原始仏教講座 第四講 その二十一

第四講 その二十一

 それではそれに行き着くにはどうしたらいいか、というのが道諦です。道諦は、その道、手段方法です、プロセスです。道諦は二バーナへいたる八聖道、正見、正思、正語、正行、正命、正精進、正念、正定。先ほど中道のところで、中道すなわち八聖道というのを学習しましたね、それと同じです。
 苦しみが無くなった状態に、解脱した状態、ニバーナの状態へ行き着きたいならば、八聖道をやりなさい。
 八聖道というのは正しい見解、真理の認識ということです。それからそういう状態になりたいと、正見正思、正しい感情を持つ、正しい欲求を持つわけですね。それで執着、欲を捨てるというのが、何か欲を捨てるのが仏教という風に大概の人がとっておられますが、これは反対なんですね。正しい欲、強烈な欲を持つわけです。常識の世界を越えた、一種の完全なる境地を求めるというのだから、それはもう、何億という財産を物を求めるというのと次元が違う、非常に大きな欲望というか、私は欲求とするわけです。まあ欲望というのは常識的です、物を集める、愛情を求める、そういうのは欲望である。こういう真理を体験するという、価値的なものを求める場合は欲求とするわけです。

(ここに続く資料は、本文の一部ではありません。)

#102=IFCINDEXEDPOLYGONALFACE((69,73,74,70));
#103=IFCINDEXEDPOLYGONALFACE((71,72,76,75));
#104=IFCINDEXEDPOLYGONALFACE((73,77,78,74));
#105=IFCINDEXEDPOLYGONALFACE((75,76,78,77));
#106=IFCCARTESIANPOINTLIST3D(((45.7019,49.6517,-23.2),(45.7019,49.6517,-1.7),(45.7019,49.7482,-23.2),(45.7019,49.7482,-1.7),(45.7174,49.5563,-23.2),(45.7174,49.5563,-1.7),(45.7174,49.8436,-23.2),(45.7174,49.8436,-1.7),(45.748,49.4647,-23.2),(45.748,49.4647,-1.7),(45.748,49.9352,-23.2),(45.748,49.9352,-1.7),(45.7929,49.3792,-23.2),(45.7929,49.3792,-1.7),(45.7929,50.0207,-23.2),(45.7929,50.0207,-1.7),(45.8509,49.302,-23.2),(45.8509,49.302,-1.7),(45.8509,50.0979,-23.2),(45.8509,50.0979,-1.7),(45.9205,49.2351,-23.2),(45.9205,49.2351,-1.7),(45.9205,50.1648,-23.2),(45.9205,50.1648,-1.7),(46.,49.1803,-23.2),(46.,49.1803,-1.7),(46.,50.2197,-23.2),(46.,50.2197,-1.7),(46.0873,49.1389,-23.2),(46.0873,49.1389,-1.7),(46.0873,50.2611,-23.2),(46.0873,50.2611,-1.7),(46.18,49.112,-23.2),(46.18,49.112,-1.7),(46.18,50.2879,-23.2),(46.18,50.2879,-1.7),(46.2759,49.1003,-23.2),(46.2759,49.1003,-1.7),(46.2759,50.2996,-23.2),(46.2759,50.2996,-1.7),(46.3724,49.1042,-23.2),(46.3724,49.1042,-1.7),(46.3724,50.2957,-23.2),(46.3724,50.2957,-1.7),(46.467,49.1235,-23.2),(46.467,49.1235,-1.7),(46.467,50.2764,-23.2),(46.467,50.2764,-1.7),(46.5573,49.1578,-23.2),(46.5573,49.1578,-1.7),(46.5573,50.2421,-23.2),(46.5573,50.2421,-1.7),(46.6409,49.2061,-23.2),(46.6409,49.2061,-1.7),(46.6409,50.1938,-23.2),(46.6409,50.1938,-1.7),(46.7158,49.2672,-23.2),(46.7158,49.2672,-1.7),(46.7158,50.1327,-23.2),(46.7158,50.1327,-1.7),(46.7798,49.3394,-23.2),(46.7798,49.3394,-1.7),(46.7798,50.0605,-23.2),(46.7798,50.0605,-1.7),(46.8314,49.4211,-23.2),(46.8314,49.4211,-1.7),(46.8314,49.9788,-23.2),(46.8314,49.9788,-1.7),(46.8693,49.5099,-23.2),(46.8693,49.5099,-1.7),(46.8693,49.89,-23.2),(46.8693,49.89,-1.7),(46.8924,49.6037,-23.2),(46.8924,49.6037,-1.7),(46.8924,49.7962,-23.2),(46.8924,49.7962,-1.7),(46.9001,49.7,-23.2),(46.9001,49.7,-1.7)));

 そういう正思ですね、正しい欲求を持ちなさい、正しい感情を持ちなさい、正語、そして正しく話をしなさい、正行、それから正しい生活ルールを守りなさい。正命、そして宗教者なら宗教者らしく、生活をしなさい、生きなさい、仕事をしている人は仕事をする者として、仕事と生活とがあまり分離しないように生きなさいということです。正精進、正しい努力をしなさい。正念正定、常に真理を思い浮かべなさい。そしてその真理と一体になるという、方向にありなさい。ということが道諦八聖道です。